В ответном письме 28 декабря (10 января) Сологуб писал Горькому: «Само собою разумеется, что я принимаю с совершенным доверием Ваши объяснения того, что Вы имели в виду сказать Вашею „сказкою" ‹…› Но Вы напрасно удивляетесь тому, что русский писатель способен отождествлять себя с героями сатирических и юмористических рассказов: в России не принято очень ласково обращаться с писателями, и мы привыкли ко многому» (Архив А. М. Горького, КГ-п-73-8-2).
В том же письме Сологуб отрицал факт существования у него «догадливых толкователей». «Весьма обрадован Вашим письмом, – отозвался Горький, – а особенно Вашим заявлением, что „догадливых толкователей" – нет ‹…› Мне приятно, что это печальное недоразумение окончилось без шума» (там же, ПГ-рл-40-15-2). [63]
63
Отзыв Горького о Сологубе см. также в его письме М. Ф. Андреевой (см.: Андреева, стр. 296).
Собирательный сатирический образ Смертяшкина действительно нельзя считать личным выпадом против Сологуба и Чеботаревской.

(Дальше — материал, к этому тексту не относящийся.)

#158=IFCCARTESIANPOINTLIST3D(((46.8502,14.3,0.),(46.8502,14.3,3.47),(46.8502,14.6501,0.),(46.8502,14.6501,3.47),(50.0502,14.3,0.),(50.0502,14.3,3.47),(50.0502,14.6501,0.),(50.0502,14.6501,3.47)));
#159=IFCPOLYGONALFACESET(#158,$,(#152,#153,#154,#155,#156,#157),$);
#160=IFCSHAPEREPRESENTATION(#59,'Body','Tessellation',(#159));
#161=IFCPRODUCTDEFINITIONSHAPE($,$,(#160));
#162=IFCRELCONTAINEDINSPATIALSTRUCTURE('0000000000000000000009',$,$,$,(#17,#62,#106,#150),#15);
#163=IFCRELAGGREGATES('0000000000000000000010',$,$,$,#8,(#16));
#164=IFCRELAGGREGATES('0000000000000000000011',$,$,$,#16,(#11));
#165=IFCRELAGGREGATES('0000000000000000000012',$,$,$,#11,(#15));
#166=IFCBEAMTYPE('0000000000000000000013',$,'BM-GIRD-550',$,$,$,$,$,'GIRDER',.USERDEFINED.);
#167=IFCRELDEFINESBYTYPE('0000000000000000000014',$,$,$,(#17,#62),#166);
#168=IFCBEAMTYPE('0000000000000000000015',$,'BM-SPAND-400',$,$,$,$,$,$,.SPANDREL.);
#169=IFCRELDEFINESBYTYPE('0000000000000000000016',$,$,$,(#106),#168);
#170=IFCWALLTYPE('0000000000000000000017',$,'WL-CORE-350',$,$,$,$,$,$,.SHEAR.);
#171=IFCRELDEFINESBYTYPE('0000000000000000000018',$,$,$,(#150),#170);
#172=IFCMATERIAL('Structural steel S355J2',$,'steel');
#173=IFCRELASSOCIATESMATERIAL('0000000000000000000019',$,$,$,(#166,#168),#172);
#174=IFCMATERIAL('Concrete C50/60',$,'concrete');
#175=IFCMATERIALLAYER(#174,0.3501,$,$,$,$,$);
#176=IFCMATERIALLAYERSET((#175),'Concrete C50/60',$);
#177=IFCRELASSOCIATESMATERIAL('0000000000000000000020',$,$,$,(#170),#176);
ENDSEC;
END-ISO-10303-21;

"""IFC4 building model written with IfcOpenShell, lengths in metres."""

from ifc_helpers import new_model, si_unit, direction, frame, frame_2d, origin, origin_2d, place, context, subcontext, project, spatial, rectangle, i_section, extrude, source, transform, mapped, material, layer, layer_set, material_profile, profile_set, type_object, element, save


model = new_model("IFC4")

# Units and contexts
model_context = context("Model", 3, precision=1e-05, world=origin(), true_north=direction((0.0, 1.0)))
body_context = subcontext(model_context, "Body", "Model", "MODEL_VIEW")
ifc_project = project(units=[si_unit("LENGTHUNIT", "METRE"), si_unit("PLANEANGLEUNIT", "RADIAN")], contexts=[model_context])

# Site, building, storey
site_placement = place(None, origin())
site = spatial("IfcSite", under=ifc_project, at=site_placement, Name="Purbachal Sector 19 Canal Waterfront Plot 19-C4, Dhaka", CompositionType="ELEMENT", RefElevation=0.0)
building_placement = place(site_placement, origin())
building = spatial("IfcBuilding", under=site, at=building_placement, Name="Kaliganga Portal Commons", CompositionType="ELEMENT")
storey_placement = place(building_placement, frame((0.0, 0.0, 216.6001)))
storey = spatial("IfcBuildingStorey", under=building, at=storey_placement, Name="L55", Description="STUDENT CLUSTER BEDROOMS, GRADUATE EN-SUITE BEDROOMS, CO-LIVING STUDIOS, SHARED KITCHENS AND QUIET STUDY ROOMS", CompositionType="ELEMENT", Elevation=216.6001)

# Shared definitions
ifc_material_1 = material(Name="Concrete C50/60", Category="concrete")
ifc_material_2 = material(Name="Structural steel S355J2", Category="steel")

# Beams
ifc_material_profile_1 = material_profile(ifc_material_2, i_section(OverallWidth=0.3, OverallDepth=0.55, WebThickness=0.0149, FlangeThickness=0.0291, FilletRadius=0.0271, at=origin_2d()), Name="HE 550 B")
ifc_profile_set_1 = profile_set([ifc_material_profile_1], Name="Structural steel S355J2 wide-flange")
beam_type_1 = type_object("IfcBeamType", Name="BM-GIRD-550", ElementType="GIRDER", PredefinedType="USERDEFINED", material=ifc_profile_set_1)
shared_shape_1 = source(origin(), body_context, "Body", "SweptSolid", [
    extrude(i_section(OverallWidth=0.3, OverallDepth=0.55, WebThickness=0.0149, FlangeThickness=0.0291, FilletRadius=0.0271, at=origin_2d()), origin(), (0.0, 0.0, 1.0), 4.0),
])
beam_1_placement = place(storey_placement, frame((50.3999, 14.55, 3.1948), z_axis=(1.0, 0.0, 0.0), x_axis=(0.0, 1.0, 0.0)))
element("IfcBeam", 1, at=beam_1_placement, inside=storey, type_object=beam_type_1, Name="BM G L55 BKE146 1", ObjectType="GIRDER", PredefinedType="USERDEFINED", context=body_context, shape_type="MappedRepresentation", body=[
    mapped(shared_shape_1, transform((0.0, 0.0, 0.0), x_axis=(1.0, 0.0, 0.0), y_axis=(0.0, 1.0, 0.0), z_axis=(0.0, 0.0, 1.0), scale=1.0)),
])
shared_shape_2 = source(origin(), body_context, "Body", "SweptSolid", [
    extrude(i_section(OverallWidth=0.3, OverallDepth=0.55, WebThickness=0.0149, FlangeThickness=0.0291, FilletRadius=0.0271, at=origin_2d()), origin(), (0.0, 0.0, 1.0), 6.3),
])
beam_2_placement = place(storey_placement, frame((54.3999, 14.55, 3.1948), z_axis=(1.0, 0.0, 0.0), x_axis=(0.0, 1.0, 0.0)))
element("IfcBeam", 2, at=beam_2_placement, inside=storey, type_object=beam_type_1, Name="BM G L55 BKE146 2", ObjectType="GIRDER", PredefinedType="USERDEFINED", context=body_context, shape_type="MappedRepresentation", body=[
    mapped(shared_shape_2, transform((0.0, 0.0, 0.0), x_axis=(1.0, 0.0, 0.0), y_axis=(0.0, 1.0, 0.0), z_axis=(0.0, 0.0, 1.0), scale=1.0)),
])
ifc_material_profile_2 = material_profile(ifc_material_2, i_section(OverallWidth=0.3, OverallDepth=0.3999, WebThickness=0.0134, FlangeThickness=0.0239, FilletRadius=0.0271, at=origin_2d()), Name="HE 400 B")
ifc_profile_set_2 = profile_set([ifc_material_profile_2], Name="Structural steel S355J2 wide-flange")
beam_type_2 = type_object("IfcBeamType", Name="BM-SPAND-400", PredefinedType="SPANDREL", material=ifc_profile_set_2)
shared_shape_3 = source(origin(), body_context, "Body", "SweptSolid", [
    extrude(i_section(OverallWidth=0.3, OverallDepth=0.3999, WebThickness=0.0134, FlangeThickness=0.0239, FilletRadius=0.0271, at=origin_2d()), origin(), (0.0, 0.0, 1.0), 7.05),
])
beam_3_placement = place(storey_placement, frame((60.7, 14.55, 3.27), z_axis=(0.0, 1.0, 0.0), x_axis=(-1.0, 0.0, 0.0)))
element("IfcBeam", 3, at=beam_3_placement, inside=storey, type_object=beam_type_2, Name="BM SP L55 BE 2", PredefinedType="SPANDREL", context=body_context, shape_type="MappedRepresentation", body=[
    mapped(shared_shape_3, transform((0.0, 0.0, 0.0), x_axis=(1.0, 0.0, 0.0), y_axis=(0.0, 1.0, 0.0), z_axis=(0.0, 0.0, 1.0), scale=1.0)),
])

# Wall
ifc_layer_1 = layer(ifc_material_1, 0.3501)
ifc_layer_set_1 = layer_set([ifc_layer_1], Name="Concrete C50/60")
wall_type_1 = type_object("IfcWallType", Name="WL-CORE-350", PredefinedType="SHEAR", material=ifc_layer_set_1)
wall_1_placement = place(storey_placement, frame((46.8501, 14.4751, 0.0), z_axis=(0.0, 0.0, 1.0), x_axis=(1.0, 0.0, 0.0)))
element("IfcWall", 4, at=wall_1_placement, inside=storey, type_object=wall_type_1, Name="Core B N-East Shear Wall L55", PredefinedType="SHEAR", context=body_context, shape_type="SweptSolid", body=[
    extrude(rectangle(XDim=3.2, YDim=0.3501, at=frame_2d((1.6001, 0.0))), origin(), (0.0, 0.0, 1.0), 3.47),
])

В сказке пародируются стихи Ф. Сологуба, 3. Гиппиус и Вяч. Иванова, а также высмеиваются статьи критиков-декадентов о творчестве Сологуба. Говоря о «поэзах» Смертяшкина, Горький намокает на изысканно-претенциозные стихи И. Северянина. Описывая убранство стильной квартиры Смертяшкина, высмеивает быт многих интеллигентских семей.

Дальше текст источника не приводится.